Thoughts and/or comments? Oh it would be used for obedience and probably 1 jump agility work ...

Thanks


----------



## tippykayak (Oct 27, 2008)

Can't you buy that rubbery material they put on the floor of dog training centers? It would be very cool to have a room floored entirely with that stuff.


----------



## AmberSunrise (Apr 1, 2009)

tippykayak said:


> Can't you buy that rubbery material they put on the floor of dog training centers? It would be very cool to have a room floored entirely with that stuff.


I'm not sure if that would mark the floor - the flooring was replaced 2 years ago so is not that 'tough' yet.

I've thought about a thin carpet with some matting over that and perhaps those mirrored shower doors for the walls (easily removable :uhoh.


----------



## MurphyTeller (Sep 28, 2008)

Any of the commercial agility flooring could go down without damaging the floor. However, since you're working with a small space you probably won't be working full height - so the cushion is less important than traction....

Perhaps this will help?
http://www.cleanrun.com/index.cfm?fuseaction=feature.display&feature_id=97

This goes over concrete at a lot of shows - comes in a roll:
http://www.max200.com/max_storefront/scripts/prodView.asp?idproduct=205


----------



## AmberSunrise (Apr 1, 2009)

MurphyTeller said:


> Any of the commercial agility flooring could go down without damaging the floor. However, since you're working with a small space you probably won't be working full height - so the cushion is less important than traction....
> 
> Perhaps this will help?
> http://www.cleanrun.com/index.cfm?fuseaction=feature.display&feature_id=97


Thanks  I am actually a bit surprised that the cost is really not so bad. And yes, I will most definitely not be doing full height .. even at a diagonal I think the room would be too small for Faelan and possibly even for Towhee.


----------



## MurphyTeller (Sep 28, 2008)

Sunrise said:


> Thanks  I am actually a bit surprised that the cost is really not so bad. And yes, I will most definitely not be doing full height .. even at a diagonal I think the room would be too small for Faelan and possibly even for Towhee.

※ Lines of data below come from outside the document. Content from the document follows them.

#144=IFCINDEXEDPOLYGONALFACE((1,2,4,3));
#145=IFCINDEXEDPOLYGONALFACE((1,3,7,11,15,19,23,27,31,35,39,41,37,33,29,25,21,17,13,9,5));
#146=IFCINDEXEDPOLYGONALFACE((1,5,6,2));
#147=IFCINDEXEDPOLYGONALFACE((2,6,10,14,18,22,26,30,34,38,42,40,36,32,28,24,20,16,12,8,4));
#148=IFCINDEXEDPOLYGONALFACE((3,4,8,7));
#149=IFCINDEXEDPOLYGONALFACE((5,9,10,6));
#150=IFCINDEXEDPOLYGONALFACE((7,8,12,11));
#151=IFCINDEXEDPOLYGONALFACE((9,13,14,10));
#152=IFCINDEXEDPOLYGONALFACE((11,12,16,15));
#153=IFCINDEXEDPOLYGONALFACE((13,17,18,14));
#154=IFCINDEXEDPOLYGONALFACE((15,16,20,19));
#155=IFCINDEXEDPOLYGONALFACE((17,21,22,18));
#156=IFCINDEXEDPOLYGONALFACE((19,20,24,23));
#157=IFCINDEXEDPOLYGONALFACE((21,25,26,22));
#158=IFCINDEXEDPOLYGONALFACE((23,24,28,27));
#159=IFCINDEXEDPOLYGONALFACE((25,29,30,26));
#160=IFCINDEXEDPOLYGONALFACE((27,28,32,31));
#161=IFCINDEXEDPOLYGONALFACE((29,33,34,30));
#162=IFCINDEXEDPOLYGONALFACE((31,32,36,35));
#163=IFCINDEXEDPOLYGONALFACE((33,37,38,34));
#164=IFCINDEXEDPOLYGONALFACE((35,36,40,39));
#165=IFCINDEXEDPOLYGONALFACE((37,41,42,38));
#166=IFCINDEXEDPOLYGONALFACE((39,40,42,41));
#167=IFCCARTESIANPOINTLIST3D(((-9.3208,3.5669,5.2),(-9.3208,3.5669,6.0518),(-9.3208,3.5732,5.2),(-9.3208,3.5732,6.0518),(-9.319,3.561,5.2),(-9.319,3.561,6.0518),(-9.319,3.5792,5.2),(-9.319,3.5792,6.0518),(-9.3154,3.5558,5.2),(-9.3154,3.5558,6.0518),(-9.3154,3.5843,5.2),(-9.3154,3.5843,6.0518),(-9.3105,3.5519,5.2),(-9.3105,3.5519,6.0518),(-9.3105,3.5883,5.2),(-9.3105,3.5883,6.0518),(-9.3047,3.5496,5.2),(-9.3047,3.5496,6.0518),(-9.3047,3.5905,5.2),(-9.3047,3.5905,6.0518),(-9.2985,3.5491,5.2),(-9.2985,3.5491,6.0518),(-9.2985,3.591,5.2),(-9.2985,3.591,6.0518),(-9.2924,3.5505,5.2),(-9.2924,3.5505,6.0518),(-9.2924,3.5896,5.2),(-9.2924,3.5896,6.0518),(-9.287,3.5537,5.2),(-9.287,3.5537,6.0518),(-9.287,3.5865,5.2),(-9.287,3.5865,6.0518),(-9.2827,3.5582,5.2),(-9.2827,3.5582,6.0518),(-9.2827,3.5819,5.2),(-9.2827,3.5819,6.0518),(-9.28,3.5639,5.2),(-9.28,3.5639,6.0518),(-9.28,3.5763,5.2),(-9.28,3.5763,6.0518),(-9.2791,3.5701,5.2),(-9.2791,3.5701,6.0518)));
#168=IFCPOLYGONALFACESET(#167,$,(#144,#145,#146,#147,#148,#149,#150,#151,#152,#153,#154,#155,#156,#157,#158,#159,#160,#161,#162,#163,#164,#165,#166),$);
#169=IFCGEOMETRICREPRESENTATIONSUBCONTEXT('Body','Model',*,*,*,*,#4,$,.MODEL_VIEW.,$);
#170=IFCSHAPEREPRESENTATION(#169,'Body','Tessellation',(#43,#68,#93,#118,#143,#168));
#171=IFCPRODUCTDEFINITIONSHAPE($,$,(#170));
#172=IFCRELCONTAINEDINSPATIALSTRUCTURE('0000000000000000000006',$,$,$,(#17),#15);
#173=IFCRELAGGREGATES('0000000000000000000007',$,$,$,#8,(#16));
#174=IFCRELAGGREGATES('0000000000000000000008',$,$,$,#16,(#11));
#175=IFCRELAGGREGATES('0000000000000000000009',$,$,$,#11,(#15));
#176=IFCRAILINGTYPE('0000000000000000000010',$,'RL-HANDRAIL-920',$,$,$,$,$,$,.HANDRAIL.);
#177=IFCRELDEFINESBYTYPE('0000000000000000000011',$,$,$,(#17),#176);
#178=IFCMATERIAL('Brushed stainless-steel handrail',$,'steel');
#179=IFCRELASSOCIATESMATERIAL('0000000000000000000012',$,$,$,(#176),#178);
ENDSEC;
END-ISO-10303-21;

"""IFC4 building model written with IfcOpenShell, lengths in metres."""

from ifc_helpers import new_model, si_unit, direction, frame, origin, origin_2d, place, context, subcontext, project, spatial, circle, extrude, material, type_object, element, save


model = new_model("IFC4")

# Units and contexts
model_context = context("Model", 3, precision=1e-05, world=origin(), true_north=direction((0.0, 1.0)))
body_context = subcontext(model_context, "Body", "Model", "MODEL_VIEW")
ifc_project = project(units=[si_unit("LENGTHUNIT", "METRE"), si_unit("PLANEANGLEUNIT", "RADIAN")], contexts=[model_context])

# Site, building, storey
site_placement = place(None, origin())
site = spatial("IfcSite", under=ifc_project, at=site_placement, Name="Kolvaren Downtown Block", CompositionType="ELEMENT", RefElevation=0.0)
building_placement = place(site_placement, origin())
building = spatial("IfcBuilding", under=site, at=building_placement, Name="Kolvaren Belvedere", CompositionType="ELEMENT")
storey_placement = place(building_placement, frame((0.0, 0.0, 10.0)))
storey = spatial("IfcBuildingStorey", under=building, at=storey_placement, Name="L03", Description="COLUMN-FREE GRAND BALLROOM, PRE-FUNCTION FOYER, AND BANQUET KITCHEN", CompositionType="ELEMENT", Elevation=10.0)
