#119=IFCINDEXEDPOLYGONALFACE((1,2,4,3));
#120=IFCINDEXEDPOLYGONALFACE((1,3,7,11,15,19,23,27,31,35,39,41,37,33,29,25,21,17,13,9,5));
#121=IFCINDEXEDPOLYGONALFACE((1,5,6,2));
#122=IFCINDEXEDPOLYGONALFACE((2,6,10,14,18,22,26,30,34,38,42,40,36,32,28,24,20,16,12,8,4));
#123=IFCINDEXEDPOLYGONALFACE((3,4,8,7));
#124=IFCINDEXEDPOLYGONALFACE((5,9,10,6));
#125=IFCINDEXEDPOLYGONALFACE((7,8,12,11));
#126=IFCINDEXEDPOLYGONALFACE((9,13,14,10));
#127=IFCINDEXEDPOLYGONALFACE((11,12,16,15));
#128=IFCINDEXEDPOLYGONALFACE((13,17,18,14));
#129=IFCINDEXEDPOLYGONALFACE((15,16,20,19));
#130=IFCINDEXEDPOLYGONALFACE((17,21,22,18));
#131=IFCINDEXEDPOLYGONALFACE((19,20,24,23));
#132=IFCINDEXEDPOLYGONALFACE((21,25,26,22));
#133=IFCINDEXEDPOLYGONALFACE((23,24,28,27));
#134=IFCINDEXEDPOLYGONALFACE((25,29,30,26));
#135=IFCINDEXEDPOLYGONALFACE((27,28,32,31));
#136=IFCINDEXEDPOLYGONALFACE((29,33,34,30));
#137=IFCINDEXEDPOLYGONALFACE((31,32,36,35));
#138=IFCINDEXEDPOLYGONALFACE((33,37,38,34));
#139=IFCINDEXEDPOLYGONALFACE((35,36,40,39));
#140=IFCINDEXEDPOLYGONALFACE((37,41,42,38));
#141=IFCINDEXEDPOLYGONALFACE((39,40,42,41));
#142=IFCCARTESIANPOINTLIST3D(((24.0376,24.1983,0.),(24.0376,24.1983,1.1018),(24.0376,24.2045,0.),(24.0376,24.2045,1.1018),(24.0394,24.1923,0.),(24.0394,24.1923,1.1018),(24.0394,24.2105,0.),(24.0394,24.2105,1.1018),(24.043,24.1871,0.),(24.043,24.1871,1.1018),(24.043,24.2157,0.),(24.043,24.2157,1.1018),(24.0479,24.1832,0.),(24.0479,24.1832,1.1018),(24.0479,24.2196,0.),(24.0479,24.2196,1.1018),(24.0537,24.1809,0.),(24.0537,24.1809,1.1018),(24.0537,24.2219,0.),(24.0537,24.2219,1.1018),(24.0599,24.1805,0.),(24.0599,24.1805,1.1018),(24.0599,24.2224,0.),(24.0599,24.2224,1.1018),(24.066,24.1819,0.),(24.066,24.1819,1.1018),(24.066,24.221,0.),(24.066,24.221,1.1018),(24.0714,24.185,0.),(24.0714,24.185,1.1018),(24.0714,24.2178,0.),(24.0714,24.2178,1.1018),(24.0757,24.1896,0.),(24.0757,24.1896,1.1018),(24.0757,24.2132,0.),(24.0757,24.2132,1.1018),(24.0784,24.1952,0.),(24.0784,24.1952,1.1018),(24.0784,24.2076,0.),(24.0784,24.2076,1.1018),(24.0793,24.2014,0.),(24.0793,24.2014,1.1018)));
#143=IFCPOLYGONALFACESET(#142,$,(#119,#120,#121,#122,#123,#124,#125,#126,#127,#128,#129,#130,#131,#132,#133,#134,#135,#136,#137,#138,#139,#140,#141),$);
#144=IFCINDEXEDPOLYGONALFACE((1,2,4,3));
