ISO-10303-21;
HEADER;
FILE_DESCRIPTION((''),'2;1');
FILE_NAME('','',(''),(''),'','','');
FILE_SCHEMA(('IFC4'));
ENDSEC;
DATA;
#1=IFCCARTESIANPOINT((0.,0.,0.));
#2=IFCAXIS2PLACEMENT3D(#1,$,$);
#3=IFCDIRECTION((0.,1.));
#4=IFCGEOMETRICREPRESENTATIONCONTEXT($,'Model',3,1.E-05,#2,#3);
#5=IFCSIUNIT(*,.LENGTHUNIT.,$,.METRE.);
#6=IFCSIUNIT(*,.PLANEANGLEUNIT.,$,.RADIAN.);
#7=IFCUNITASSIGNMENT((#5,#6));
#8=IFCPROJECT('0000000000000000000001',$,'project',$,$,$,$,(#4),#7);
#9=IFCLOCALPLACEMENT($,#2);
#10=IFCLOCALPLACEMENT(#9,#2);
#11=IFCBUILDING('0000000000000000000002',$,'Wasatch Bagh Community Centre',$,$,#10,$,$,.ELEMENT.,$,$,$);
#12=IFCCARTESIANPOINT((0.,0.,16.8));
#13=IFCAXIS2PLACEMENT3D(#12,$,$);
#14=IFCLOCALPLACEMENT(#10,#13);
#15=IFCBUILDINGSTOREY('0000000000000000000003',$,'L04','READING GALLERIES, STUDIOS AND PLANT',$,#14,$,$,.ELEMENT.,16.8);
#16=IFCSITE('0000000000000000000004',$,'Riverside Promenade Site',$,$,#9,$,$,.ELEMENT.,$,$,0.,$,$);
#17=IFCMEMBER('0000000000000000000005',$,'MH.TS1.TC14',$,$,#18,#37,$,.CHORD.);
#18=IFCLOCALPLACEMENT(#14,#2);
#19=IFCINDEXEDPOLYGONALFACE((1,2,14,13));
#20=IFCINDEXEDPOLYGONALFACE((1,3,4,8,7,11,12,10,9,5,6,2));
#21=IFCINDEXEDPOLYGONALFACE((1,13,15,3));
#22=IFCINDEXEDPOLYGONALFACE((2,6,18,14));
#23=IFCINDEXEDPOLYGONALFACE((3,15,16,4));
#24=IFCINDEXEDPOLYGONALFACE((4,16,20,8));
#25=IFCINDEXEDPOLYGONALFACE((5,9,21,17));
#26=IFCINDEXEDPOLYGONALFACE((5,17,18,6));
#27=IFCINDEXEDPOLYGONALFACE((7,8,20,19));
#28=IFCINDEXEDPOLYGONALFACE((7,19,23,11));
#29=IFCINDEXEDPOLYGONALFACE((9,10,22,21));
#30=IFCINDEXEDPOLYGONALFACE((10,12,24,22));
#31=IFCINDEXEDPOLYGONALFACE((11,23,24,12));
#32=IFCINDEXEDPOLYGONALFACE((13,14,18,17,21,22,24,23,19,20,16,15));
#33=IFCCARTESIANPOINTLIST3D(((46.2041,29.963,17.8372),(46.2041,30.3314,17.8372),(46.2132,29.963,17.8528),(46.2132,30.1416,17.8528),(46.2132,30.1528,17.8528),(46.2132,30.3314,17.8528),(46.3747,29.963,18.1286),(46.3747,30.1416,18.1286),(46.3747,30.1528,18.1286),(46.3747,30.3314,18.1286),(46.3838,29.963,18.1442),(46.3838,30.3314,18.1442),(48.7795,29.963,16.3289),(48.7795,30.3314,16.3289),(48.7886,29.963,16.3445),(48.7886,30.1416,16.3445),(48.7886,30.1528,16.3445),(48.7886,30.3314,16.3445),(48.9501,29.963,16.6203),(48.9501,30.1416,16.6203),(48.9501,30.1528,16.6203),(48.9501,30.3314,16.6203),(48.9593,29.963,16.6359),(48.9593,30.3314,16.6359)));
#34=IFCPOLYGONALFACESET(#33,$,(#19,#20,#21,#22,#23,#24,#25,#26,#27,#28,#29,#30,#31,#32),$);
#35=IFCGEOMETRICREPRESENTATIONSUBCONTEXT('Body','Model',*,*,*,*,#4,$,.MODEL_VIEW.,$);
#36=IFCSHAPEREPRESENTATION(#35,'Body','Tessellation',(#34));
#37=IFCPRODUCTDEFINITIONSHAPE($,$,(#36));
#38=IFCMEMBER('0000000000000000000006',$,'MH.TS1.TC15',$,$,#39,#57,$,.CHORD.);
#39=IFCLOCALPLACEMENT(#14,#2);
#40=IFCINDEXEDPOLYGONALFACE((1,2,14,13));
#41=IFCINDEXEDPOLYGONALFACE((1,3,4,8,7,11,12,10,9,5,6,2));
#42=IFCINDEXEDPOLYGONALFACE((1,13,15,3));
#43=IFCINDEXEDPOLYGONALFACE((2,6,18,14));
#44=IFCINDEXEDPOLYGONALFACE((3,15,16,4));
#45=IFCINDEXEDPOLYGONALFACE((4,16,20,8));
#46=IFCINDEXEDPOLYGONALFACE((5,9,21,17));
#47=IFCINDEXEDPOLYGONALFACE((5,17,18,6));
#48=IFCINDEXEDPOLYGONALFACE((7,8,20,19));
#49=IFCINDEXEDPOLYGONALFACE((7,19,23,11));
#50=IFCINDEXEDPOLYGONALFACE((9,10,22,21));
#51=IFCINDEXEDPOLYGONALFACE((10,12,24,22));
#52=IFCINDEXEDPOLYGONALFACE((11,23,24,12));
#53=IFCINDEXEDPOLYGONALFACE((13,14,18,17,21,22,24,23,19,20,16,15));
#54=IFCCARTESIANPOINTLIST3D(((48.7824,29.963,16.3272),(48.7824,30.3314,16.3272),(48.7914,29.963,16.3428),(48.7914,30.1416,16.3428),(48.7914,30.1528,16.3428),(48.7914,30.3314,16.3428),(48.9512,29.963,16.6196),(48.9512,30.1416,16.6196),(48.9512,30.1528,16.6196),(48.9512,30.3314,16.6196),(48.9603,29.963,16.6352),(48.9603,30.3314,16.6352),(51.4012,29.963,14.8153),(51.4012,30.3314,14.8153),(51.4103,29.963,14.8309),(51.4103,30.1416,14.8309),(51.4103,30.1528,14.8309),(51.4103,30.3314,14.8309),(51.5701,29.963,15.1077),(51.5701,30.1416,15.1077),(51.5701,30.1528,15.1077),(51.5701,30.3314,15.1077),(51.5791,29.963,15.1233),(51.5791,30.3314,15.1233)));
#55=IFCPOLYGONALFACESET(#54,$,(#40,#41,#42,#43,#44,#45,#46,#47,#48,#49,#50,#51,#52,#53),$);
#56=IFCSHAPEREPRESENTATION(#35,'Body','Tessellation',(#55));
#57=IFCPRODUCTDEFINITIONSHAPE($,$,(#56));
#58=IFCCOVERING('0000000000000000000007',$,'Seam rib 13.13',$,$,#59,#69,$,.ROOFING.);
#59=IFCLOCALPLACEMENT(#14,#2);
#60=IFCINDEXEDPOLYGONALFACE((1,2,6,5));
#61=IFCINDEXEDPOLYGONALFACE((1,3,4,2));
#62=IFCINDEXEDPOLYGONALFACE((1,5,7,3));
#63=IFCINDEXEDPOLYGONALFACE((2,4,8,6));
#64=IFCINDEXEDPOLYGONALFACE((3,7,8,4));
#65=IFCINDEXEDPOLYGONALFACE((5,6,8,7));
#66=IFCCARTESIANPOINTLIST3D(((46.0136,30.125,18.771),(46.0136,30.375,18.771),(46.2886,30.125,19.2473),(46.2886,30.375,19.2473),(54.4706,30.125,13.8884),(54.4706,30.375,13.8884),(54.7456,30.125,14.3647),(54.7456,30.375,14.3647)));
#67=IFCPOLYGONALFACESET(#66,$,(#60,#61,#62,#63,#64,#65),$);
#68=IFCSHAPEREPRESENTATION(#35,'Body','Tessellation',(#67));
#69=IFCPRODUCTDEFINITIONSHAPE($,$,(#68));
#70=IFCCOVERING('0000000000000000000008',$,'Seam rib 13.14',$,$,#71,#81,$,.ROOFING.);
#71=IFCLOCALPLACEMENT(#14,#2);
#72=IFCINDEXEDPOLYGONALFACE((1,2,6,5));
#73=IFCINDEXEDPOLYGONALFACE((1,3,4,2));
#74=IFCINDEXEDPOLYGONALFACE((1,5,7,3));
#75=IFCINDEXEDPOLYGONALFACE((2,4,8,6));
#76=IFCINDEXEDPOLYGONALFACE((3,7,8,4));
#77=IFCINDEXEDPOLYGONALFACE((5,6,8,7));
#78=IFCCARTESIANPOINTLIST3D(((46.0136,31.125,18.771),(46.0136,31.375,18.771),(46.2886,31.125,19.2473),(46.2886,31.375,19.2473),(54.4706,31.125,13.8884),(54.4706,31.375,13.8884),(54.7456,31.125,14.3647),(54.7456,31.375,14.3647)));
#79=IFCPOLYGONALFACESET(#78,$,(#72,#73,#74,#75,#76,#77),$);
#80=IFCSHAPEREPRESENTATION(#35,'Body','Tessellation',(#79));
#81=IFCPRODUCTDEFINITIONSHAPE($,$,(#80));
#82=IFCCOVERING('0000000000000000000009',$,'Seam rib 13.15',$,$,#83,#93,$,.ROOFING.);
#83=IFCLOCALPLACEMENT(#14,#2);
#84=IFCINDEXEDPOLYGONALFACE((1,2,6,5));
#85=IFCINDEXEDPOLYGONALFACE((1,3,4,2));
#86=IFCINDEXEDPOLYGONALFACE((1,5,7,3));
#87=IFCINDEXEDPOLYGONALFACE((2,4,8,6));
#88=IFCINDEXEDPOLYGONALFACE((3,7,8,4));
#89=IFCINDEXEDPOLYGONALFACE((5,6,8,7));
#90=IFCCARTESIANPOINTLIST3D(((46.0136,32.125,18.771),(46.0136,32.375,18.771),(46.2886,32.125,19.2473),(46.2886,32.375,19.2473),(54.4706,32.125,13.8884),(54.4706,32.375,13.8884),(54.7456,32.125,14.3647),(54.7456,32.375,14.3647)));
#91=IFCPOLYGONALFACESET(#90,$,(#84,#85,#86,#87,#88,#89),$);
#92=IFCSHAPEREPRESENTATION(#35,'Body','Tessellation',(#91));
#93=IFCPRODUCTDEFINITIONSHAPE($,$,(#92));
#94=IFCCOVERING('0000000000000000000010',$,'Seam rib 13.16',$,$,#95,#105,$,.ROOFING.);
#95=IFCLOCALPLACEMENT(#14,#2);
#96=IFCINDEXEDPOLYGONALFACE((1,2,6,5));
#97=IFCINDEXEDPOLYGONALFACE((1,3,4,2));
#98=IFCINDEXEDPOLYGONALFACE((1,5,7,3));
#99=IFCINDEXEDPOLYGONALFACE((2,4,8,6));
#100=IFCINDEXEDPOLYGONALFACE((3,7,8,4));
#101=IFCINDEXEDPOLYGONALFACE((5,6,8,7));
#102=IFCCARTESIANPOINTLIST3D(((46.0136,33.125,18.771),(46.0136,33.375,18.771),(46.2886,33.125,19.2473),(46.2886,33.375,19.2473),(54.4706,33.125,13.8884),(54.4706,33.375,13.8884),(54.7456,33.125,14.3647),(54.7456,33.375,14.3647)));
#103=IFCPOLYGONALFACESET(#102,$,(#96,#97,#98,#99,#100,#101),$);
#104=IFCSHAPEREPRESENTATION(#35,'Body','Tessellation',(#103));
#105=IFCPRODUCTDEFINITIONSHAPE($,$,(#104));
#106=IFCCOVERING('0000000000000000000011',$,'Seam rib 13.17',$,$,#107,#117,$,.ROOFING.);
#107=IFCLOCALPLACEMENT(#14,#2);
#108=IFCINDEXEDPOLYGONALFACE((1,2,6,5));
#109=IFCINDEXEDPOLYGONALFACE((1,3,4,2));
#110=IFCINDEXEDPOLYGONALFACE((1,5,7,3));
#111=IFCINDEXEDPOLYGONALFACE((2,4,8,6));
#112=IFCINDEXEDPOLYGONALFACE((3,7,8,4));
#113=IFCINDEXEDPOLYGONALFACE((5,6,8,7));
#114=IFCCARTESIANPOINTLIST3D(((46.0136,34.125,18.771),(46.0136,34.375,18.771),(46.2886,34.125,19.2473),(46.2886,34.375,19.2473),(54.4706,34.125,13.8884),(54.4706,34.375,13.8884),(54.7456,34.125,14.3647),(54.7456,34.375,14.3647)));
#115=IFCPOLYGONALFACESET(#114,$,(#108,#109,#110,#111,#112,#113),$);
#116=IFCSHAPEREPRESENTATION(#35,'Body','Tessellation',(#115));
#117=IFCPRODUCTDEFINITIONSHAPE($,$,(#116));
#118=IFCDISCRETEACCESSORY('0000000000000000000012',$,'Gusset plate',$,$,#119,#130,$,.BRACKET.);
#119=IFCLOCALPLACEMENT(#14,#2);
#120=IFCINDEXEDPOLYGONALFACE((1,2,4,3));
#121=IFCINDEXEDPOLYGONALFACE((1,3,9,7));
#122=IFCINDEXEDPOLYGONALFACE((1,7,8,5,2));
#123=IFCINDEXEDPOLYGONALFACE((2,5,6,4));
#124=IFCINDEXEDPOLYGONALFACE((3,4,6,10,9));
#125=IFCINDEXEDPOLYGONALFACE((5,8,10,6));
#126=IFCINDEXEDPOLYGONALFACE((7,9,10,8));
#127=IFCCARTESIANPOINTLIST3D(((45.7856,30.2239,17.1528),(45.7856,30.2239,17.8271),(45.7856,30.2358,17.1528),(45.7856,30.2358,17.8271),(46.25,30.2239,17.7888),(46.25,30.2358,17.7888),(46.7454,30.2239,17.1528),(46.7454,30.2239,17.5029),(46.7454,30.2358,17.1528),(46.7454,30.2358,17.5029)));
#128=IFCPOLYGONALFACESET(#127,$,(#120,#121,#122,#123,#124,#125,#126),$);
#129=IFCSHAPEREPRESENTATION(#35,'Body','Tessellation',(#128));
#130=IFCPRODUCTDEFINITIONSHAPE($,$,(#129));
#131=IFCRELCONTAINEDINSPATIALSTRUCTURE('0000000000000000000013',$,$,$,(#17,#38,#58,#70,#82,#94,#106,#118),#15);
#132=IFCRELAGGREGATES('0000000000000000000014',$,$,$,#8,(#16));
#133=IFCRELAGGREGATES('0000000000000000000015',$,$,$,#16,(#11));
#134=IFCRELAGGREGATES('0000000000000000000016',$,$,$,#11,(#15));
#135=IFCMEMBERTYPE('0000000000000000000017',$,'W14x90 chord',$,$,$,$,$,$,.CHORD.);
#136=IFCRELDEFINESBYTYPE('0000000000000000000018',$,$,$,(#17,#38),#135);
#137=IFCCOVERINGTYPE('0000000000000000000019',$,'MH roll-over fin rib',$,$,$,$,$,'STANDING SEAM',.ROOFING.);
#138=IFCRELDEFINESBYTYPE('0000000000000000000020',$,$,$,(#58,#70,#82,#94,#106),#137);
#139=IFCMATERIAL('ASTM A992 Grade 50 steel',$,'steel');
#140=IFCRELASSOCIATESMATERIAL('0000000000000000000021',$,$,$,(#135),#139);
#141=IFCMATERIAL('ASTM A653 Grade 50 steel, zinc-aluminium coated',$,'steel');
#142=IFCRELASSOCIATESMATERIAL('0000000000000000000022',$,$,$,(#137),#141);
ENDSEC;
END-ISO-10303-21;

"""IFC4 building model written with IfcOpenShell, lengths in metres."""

from ifc_helpers import new_model, si_unit, direction, frame, origin, origin_2d, place, context, subcontext, project, spatial, polyline, i_section, outline, extrude, material, material_profile, profile_set, type_object, element, save


model = new_model("IFC4")

# Units and contexts
model_context = context("Model", 3, precision=1e-05, world=origin(), true_north=direction((0.0, 1.0)))
body_context = subcontext(model_context, "Body", "Model", "MODEL_VIEW")
ifc_project = project(units=[si_unit("LENGTHUNIT", "METRE"), si_unit("PLANEANGLEUNIT", "RADIAN")], contexts=[model_context])

# Site, building, storey
site_placement = place(None, origin())
site = spatial("IfcSite", under=ifc_project, at=site_placement, Name="Riverside Promenade Site", CompositionType="ELEMENT", RefElevation=0.0)
building_placement = place(site_placement, origin())
building = spatial("IfcBuilding", under=site, at=building_placement, Name="Wasatch Bagh Community Centre", CompositionType="ELEMENT")
storey_placement = place(building_placement, frame((0.0, 0.0, 16.8)))
storey = spatial("IfcBuildingStorey", under=building, at=storey_placement, Name="L04", Description="READING GALLERIES, STUDIOS AND PLANT", CompositionType="ELEMENT", Elevation=16.8)

# Members
ifc_material_1 = material(Name="ASTM A992 Grade 50 steel", Category="steel")
ifc_material_profile_1 = material_profile(ifc_material_1, i_section(OverallWidth=0.3684, OverallDepth=0.3557, WebThickness=0.0112, FlangeThickness=0.0181, at=origin_2d()), Name="W14x90")
ifc_profile_set_1 = profile_set([ifc_material_profile_1], Name="ASTM A992 Grade 50 steel")
member_type_1 = type_object("IfcMemberType", Name="W14x90 chord", PredefinedType="CHORD", material=ifc_profile_set_1)
member_1_placement = place(storey_placement, frame((46.2939, 30.1472, 17.9907), z_axis=(0.862908, 0.0, -0.50536), x_axis=(0.0, 1.0, 0.0)))
element("IfcMember", 1, at=member_1_placement, inside=storey, type_object=member_type_1, Name="MH.TS1.TC14", PredefinedType="CHORD", context=body_context, shape_type="SweptSolid", body=[
    extrude(i_section(OverallWidth=0.3684, OverallDepth=0.3557, WebThickness=0.0112, FlangeThickness=0.0181, at=origin_2d()), origin(), (0.0, 0.0, 1.0), 2.9846),
])
member_2_placement = place(storey_placement, frame((48.8713, 30.1472, 16.4812), z_axis=(0.866034, 0.0, -0.499986), x_axis=(0.0, 1.0, 0.0)))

LOL - the cost isn't so bad because you aren't working with a large space  We're trying to figure out how to finagle new footing at our training center - we're looking at about 10k to do it - and we've got a (relatively) small space to work with...


----------



## MurphyTeller (Sep 28, 2008)

Sunrise said:


> Thanks  I am actually a bit surprised that the cost is really not so bad. And yes, I will most definitely not be doing full height .. even at a diagonal I think the room would be too small for Faelan and possibly even for Towhee.


P.S. - Since you're in central CT I'd suggest taking a field trip to Clean Run - take a look at their footing....that's what we're drooling over at the moment.


----------



## AmberSunrise (Apr 1, 2009)

Yes, the training center I rent most often (2500 sq feet ring in Oxford CT ) had to think long and hard about the matting because of the cost - they went with tender foot matting .. it is holding up well but I personally hate having to kneel or sit on it, but my dogs don't burn their pads and have really good traction on it.


----------



## MurphyTeller (Sep 28, 2008)

Sunrise said:


> Yes, the training center I rent most often (2500 sq feet ring in Oxford CT ) had to think long and hard about the matting because of the cost - they went with tender foot matting .. it is holding up well but I personally hate having to kneel or sit on it, but my dogs don't burn their pads and have really good traction on it.


Why don't you like to sit or kneel on it?


----------



## AmberSunrise (Apr 1, 2009)

MurphyTeller said:


> Why don't you like to sit or kneel on it?


It doesn't seem to cushion my knees or butt enough


----------



## MurphyTeller (Sep 28, 2008)

Sunrise said:


> It doesn't seem to cushion my knees or butt enough


Interesting - how do the dogs move on it? On really soft and cushioned turf you can hear the dogs moving differently...More spring/less flat if that makes sense....


----------



## AmberSunrise (Apr 1, 2009)

The dogs move fine on it : you can rarely hear them and they can turn on a dime. I swear they sometimes look like they are trying to do hand-stands the traction is so good. I have never noticed them being stiff or sore after being on the flooring.

It is different from when they are running full out on outdoor surfaces and they sound almost like thundering horses (field training) and also different than when they are on the softer, more cushioned flooring where they almost sound like they need to lift their feet more (more springy I guess). 

I hope this makes sense ...


----------